Slowly over the last few years, and a little more quickly in recent months, technology has begun to move towards solutions that allow people to communicate with each other without using words. In their place, electronic transmissions through devices capable of encoding our brain waves into information.
Exact. It is a computer-assisted telepathy. An electronic telepathy. And it can soon become one of the most profitable businesses on the planet.
In April, a team of scientists from the University of Washington and Carnegie Mellon University he published in the journal Nature a paper detailing the phases of an ambitious experiment conducted just before.
Artificial telepathy: the study
Three volunteers worked together to play a simplified version of the Tetris video game. Two of the researchers had access to the full view of the screen and the blocks to fit into the popular puzzle.
Using their thoughts, they mentally sent “telepathic” commands to a third researcher whose screen did not show the location of the blocks. The third researcher continued the game by "hearing" the commands sent by the other two.
Follow up of the study
Five months later, this September, the medical company Synchron announced that it had successfully tested a more advanced stage of “telepathic” technology. A technology based on a sensor that for the first time does not require a small hole to be made in the user's skull to be implanted. It's not a small thing. Telepathy between two people (or more) becomes an advantageous option, compared to a non-invasive procedure.
Synchron's thin, flexible array of electrical sensors, also called a “stentrode,” travels through the bloodstream to the brain, parks itself nearby, and begins reading neural activity. Mental telepathy, in short, of course, but electronic.
The stentrode can remotely transmit data to other devices: “smart” prostheses, or other implants that sit in the brains of others and produce telepathic abilities.
Put together the April and September study, again on telepathic communication. Combine brain-to-brain communication with the non-invasive stentrode and you have the potential picture of a safe and relatively inexpensive form of electronic artificial telepathy.
It's all already here
“The underlying technology is not as futuristic as you would expect,” he says Jacob Robinson, a neuro engineer at Rice University on the next brain-computer interfaces that will allow, among other things, this technological form of telepathic contact.
Of course, in their current form they appear really primitive and in some cases a little bloody. I mean, Elon Musk can present his Neuralink “sewing machine”. in the most charming way possible, but he will always have to convince me to make a little window in my head and attach wires to my brain to become telepathic. Apart from everything, however, they are technologies that already show effectiveness. It is therefore not surprising that big players like Facebook have entered the game, even with "cleaner" solutions.
Today our devices require enormous typing activity and attention (sometimes even fatal: later we will talk about smartphone reading accidents). Tomorrow's cell phones will write under our mental dictation. The ones after that, well… the ones after that might not even be cell phones. We could subscribe to an electronic telepathy service, with unlimited mind-to-mind calls. Use telepathy like making normal phone calls today. There will also be free telepathy offers, I imagine, but fewer things will be perceived.
The advent of Menlo Park and online telepathy
In 2017, Facebook launched its internal initiative to build “a wearable, non-invasive device” that would allow people to write by simply imagining doing so.

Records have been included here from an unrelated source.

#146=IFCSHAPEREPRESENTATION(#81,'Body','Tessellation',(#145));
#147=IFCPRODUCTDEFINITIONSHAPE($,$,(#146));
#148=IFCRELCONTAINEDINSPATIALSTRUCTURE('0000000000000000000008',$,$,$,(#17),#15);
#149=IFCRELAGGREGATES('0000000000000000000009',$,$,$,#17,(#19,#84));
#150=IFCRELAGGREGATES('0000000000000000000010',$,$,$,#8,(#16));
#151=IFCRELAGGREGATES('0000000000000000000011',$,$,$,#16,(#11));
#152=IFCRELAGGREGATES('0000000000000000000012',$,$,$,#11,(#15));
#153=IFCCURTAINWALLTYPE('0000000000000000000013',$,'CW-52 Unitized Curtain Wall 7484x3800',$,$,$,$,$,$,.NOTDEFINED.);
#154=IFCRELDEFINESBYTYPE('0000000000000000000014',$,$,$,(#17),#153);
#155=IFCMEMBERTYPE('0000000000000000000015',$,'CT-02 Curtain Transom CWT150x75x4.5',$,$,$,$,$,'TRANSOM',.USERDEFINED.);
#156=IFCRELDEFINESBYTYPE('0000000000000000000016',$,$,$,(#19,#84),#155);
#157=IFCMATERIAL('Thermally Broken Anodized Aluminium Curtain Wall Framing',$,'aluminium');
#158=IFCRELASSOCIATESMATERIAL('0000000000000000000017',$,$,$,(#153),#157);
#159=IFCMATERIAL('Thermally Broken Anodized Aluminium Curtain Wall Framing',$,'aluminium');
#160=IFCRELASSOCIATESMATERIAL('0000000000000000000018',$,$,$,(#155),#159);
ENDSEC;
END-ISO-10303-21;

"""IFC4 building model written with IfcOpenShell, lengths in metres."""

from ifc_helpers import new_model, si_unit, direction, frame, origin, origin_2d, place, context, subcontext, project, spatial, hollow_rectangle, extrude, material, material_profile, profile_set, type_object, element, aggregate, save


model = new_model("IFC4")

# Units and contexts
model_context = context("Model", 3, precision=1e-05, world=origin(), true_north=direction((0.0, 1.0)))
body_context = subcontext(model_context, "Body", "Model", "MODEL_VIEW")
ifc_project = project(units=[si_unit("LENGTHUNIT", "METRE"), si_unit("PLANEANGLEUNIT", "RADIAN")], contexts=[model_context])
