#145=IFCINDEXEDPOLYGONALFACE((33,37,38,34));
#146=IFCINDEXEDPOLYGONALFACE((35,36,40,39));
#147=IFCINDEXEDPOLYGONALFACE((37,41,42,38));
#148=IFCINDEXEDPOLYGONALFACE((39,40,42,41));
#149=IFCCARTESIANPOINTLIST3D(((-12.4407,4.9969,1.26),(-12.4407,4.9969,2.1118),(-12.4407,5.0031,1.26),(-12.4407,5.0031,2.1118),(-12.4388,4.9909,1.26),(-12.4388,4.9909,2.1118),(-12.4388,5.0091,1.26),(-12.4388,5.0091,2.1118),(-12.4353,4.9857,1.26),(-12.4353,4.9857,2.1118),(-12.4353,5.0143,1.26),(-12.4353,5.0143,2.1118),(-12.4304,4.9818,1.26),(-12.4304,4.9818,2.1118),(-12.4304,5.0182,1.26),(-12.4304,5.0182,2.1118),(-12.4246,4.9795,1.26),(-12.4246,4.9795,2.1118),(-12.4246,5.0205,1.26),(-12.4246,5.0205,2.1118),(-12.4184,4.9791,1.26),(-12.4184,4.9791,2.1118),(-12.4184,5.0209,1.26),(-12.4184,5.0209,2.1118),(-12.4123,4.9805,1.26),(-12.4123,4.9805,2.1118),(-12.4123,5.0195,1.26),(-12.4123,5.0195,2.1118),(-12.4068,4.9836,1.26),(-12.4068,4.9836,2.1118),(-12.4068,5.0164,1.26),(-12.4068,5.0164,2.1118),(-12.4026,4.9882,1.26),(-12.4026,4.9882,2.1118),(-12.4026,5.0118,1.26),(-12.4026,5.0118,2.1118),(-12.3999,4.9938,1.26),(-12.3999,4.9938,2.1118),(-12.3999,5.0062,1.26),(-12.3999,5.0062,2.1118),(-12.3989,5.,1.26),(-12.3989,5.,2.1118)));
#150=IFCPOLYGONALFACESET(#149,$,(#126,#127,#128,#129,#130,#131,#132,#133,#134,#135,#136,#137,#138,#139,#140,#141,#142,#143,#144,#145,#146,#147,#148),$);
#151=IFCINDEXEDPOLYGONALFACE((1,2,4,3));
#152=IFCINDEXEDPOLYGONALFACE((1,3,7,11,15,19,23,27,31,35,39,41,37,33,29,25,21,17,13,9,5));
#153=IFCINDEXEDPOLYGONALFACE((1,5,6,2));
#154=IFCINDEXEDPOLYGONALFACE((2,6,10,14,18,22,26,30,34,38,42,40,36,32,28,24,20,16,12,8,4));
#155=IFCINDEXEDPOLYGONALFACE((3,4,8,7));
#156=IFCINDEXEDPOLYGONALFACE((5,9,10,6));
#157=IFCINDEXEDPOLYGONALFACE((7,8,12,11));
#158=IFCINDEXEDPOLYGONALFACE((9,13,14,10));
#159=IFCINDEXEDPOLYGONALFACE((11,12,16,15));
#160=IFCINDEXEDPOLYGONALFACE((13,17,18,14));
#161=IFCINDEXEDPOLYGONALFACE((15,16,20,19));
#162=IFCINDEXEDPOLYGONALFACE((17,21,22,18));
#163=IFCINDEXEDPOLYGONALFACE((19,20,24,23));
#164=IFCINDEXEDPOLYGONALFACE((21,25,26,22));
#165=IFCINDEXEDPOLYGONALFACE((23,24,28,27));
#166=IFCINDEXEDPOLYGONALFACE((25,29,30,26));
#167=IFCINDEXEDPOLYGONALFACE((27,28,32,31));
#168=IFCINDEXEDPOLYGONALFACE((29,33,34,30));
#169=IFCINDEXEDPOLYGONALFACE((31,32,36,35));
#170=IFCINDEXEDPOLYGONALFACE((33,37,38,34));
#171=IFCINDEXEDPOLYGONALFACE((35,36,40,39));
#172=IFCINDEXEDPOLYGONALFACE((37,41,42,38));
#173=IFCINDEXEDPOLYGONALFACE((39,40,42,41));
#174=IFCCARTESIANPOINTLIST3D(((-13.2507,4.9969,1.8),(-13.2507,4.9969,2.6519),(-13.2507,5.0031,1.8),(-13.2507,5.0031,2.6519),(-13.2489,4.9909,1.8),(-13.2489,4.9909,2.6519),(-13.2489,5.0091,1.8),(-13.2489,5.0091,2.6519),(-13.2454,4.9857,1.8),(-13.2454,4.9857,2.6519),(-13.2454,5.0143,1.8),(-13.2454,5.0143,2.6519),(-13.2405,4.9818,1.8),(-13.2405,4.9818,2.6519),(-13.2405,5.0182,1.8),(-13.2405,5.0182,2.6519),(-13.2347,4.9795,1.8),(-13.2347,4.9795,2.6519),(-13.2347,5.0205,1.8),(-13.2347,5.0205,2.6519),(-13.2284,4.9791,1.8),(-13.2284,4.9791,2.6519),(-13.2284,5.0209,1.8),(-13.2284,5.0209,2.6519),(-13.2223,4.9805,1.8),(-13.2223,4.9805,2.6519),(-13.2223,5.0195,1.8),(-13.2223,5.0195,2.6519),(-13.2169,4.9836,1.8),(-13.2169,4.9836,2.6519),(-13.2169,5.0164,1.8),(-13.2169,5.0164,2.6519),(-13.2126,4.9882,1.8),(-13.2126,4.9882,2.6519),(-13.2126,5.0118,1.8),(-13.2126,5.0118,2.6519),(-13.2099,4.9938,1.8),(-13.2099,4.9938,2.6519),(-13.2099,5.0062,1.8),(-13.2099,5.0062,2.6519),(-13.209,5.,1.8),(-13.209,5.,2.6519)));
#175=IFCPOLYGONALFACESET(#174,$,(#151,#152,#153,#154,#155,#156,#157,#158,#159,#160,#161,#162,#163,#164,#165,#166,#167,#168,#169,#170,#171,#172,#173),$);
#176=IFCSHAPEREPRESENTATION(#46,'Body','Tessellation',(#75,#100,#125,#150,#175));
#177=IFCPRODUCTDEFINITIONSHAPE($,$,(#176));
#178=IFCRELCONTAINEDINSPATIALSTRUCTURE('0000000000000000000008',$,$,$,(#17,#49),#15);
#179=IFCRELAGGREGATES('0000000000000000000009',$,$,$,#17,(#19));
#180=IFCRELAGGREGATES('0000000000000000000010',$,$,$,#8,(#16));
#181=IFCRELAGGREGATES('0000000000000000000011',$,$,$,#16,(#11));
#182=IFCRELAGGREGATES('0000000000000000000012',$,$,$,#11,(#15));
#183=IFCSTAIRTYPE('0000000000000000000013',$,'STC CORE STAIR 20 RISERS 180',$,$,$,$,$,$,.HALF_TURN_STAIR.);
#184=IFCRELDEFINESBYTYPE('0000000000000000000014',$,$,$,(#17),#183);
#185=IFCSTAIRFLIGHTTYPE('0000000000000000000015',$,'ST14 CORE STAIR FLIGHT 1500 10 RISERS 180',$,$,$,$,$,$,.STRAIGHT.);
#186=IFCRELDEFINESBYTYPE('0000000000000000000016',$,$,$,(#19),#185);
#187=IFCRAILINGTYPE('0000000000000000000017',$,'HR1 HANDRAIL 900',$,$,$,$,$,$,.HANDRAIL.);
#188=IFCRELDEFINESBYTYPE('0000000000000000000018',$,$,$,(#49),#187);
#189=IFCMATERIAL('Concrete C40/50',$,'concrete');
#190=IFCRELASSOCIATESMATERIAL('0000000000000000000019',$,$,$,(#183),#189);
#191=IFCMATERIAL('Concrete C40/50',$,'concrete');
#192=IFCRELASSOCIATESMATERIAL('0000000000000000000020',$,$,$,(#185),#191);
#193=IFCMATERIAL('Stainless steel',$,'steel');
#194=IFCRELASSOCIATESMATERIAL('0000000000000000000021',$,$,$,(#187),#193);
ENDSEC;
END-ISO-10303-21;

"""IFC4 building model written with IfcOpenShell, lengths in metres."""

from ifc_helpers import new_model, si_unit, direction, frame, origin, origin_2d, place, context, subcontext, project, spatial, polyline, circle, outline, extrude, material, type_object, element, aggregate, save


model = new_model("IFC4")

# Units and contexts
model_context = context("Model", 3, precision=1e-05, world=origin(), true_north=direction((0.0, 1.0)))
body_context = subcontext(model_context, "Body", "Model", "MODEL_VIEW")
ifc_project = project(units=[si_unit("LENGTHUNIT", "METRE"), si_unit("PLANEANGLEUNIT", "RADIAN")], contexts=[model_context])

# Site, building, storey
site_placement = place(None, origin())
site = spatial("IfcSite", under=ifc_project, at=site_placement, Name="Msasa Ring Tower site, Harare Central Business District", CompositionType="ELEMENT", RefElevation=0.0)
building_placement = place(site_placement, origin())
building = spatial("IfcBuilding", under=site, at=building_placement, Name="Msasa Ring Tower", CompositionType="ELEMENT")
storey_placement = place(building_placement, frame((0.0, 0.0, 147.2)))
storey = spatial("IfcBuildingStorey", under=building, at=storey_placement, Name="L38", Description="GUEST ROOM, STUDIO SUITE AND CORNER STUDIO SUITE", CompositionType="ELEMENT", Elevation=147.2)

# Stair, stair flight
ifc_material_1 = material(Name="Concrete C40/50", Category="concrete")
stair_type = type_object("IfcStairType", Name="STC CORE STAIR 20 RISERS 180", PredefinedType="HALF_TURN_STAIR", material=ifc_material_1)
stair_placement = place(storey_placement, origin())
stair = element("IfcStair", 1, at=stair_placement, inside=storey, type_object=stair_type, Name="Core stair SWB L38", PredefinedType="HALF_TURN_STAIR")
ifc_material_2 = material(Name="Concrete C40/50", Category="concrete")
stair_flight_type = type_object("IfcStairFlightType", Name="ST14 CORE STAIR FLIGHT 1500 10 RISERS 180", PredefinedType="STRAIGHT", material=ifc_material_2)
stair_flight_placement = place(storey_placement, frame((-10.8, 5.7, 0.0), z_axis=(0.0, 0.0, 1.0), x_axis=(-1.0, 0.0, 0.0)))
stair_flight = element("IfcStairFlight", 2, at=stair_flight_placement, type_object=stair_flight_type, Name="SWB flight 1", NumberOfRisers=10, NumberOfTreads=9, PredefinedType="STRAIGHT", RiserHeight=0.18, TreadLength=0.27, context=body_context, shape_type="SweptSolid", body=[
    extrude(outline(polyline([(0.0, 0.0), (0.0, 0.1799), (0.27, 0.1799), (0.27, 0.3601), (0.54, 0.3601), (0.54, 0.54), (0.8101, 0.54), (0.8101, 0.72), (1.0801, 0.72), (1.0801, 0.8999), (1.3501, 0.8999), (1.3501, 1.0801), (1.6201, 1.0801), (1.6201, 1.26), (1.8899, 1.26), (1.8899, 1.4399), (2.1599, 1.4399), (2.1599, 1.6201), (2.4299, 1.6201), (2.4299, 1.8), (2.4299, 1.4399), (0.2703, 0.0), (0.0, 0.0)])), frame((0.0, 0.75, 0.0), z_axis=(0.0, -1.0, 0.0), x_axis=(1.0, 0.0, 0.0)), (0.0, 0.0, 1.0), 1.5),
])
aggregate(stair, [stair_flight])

The social giant has also funded external researchers (such as neurosurgeon Eddie Chang of the University of California) and acquired promising startups such as CTRL Labs.

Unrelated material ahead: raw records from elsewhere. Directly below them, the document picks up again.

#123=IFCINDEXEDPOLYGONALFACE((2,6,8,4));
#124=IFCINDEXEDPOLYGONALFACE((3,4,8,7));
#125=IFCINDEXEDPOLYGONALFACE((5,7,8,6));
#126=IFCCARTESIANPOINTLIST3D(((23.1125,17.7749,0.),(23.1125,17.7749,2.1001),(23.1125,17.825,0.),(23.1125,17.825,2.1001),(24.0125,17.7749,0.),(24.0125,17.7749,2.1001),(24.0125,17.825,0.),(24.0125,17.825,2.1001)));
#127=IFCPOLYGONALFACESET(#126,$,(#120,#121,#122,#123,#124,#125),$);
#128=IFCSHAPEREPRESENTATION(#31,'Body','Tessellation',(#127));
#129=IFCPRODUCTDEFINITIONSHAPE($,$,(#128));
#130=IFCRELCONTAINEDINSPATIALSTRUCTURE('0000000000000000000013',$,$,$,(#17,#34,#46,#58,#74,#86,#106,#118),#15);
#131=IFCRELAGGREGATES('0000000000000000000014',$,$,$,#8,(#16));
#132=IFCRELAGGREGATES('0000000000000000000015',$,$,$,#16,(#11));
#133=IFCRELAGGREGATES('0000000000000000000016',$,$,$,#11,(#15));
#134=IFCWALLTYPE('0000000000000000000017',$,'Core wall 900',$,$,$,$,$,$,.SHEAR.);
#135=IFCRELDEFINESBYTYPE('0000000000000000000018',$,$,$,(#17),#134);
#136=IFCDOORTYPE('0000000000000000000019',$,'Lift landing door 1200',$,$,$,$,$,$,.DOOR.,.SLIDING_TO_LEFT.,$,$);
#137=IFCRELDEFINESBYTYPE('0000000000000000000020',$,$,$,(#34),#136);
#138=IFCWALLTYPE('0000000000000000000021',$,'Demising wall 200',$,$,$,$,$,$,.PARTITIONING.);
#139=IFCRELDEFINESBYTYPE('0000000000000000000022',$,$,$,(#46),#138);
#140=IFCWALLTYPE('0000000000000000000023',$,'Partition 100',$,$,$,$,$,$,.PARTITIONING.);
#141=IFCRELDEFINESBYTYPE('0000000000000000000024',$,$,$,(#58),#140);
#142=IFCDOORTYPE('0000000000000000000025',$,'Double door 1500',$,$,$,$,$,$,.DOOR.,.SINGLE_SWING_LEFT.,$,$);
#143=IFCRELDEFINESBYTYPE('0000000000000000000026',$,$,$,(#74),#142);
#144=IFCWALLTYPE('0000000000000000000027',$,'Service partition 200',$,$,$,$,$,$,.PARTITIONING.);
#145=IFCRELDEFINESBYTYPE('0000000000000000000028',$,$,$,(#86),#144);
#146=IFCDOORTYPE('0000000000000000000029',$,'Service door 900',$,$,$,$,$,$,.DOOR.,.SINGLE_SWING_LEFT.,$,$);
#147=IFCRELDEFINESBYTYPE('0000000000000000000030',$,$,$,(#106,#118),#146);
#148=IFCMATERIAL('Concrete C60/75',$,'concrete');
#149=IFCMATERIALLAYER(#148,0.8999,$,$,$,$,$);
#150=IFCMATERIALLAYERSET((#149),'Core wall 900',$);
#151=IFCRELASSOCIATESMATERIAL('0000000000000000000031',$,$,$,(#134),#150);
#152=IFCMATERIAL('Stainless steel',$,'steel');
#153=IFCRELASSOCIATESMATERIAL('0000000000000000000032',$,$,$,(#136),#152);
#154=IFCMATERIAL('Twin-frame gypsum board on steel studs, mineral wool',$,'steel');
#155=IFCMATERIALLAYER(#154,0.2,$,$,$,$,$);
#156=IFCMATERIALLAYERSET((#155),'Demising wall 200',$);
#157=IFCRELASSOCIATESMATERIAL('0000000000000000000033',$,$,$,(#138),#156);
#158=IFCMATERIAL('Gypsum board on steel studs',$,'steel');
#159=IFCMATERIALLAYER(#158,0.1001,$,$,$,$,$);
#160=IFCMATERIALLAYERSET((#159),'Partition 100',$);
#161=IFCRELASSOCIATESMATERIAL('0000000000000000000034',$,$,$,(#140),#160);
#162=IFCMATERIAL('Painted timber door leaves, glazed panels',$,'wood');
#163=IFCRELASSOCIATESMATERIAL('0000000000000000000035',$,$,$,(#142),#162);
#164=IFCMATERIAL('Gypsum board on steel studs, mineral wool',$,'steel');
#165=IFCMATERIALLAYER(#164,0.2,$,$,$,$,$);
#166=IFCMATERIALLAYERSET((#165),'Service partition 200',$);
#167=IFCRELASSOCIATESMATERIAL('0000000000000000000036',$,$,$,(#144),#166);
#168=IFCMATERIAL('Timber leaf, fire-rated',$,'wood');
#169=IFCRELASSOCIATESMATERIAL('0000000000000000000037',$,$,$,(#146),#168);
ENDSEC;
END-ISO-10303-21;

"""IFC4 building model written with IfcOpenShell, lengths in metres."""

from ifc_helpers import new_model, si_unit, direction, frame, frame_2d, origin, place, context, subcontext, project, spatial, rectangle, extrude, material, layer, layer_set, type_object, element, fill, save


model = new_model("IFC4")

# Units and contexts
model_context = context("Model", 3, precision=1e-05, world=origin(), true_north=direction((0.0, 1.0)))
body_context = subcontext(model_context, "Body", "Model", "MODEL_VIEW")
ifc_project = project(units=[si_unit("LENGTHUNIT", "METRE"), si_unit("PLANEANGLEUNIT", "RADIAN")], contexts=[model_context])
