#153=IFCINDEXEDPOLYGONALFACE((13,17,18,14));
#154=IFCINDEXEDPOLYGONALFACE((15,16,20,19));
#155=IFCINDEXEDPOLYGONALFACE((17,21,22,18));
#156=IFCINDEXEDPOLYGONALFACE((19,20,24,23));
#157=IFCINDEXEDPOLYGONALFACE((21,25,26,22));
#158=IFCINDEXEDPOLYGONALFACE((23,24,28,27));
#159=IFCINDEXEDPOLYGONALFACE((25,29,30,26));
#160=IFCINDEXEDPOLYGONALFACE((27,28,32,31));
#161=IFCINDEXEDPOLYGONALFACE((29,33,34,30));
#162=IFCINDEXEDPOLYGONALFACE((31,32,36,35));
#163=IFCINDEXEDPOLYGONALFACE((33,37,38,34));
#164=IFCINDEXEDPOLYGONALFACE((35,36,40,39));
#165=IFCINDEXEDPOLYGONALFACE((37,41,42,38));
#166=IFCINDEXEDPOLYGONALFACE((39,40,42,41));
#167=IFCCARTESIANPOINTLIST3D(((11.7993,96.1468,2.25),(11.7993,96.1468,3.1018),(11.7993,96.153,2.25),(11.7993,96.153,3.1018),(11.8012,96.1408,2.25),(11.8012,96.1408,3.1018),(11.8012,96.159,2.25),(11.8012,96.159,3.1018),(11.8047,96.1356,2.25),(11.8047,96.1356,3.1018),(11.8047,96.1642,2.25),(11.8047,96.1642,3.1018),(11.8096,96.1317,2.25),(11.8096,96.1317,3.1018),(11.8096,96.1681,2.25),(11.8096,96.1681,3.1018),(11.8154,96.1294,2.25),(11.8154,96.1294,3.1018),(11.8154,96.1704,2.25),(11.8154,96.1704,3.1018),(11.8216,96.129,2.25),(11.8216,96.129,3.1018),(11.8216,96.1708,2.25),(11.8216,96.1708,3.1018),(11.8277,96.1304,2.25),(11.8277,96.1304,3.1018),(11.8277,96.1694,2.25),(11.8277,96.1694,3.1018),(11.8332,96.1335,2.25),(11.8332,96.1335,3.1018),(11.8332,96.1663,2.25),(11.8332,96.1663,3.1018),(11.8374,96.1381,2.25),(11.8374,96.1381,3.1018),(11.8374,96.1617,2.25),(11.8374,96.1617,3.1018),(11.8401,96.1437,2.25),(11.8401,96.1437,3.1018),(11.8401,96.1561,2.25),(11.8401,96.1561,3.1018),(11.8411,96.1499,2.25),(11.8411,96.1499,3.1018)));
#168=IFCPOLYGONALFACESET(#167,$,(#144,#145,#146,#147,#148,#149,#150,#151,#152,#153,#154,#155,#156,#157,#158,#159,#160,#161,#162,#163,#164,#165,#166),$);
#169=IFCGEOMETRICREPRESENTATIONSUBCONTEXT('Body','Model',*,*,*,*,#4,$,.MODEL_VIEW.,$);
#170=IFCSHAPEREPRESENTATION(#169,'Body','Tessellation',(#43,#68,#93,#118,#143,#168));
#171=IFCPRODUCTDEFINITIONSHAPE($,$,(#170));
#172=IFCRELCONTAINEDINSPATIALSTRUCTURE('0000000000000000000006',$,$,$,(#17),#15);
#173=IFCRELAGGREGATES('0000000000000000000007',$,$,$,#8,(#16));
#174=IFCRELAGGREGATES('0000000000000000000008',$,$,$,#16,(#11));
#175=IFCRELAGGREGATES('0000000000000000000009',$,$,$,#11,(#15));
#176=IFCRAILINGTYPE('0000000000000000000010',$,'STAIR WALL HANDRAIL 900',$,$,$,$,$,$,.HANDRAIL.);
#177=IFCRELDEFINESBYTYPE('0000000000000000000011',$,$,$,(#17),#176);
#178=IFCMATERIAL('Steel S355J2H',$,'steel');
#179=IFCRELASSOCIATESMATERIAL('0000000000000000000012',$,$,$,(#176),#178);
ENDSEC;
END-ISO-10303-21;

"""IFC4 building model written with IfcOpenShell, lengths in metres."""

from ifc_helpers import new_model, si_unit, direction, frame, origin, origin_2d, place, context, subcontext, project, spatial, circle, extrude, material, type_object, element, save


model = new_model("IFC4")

Facebook's efforts began to show results in July 2019, when Chang and other team members announced they had produced the translating brain activity into text with 76% accuracy.

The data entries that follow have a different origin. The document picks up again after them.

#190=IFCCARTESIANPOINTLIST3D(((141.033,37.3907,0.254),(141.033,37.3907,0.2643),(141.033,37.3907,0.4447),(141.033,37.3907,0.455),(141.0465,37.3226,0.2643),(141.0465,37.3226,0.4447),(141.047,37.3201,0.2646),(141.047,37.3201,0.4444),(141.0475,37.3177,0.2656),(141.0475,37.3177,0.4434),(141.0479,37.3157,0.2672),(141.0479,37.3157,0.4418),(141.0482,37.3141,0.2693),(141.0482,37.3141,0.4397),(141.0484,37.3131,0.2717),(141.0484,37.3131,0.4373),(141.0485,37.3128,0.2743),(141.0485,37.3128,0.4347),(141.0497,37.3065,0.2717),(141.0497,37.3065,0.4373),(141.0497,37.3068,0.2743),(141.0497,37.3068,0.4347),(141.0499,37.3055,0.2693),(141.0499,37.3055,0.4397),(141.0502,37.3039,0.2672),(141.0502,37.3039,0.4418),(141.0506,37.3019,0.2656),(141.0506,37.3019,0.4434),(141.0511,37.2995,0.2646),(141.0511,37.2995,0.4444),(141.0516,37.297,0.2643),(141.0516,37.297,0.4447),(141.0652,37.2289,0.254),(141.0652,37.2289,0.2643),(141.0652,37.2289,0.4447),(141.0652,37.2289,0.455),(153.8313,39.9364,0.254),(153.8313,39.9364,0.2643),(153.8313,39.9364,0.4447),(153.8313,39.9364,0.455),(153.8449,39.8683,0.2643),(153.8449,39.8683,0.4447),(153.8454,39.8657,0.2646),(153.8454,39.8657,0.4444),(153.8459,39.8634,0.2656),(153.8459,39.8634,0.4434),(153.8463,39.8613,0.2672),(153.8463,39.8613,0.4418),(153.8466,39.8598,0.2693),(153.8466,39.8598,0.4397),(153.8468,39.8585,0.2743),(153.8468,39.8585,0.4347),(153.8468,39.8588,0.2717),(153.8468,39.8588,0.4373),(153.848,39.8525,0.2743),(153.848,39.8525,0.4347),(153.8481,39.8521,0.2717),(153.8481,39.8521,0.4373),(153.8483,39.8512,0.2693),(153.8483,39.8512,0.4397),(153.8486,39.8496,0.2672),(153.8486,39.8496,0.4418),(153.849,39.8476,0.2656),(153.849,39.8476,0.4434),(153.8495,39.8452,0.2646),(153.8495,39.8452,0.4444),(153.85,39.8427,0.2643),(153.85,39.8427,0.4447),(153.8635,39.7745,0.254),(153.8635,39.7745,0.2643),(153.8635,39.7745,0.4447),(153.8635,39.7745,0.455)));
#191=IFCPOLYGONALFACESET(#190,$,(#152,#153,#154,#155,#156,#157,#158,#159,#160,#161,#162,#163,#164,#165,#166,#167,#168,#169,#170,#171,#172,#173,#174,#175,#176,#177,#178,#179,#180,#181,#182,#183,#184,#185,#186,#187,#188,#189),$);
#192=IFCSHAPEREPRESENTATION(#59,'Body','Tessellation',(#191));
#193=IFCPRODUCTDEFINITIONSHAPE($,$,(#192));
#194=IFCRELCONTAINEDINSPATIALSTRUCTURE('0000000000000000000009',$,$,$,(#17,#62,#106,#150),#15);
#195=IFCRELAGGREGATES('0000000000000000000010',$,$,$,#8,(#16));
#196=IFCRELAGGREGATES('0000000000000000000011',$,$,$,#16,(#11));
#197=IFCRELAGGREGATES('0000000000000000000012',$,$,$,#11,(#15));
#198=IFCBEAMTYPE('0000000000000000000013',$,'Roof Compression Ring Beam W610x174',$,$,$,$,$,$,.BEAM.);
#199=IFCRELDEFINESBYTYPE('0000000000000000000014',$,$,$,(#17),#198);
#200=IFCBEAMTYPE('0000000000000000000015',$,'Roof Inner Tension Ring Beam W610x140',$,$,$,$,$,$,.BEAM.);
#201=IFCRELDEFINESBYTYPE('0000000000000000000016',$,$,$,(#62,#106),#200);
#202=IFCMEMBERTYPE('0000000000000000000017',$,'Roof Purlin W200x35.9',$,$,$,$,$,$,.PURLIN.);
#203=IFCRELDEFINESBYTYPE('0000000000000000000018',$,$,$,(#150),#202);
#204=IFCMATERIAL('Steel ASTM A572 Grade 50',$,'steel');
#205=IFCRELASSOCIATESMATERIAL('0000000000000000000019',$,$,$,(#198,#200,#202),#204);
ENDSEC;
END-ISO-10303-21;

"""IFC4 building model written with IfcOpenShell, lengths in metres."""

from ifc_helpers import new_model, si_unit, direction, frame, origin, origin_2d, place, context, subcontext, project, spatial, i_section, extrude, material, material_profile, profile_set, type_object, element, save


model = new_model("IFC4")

The way still to go towards electronic telepathy
The way to go? I summarize: It's one thing to send one command at a time, even between three different brains (and with 81% accuracy), it's another to encode and transmit complex messages.
The BrainNet team (this is the name of the group) uses EEG and TMS technologies. Both non-invasive but a little imprecise. Surgical implants are more accurate, but still have no health guarantees.
There are also ethical issues, first of all those relating to the risks of mental manipulation or the cancellation of privacy.
The doubts and questions aren't slowing development, though: Advances by scientists and companies are taking telepathy from mere fantasy to potential commercial technology. Real laboratory mice, researchers who dedicate their souls to the cause, are really arriving at telepathy.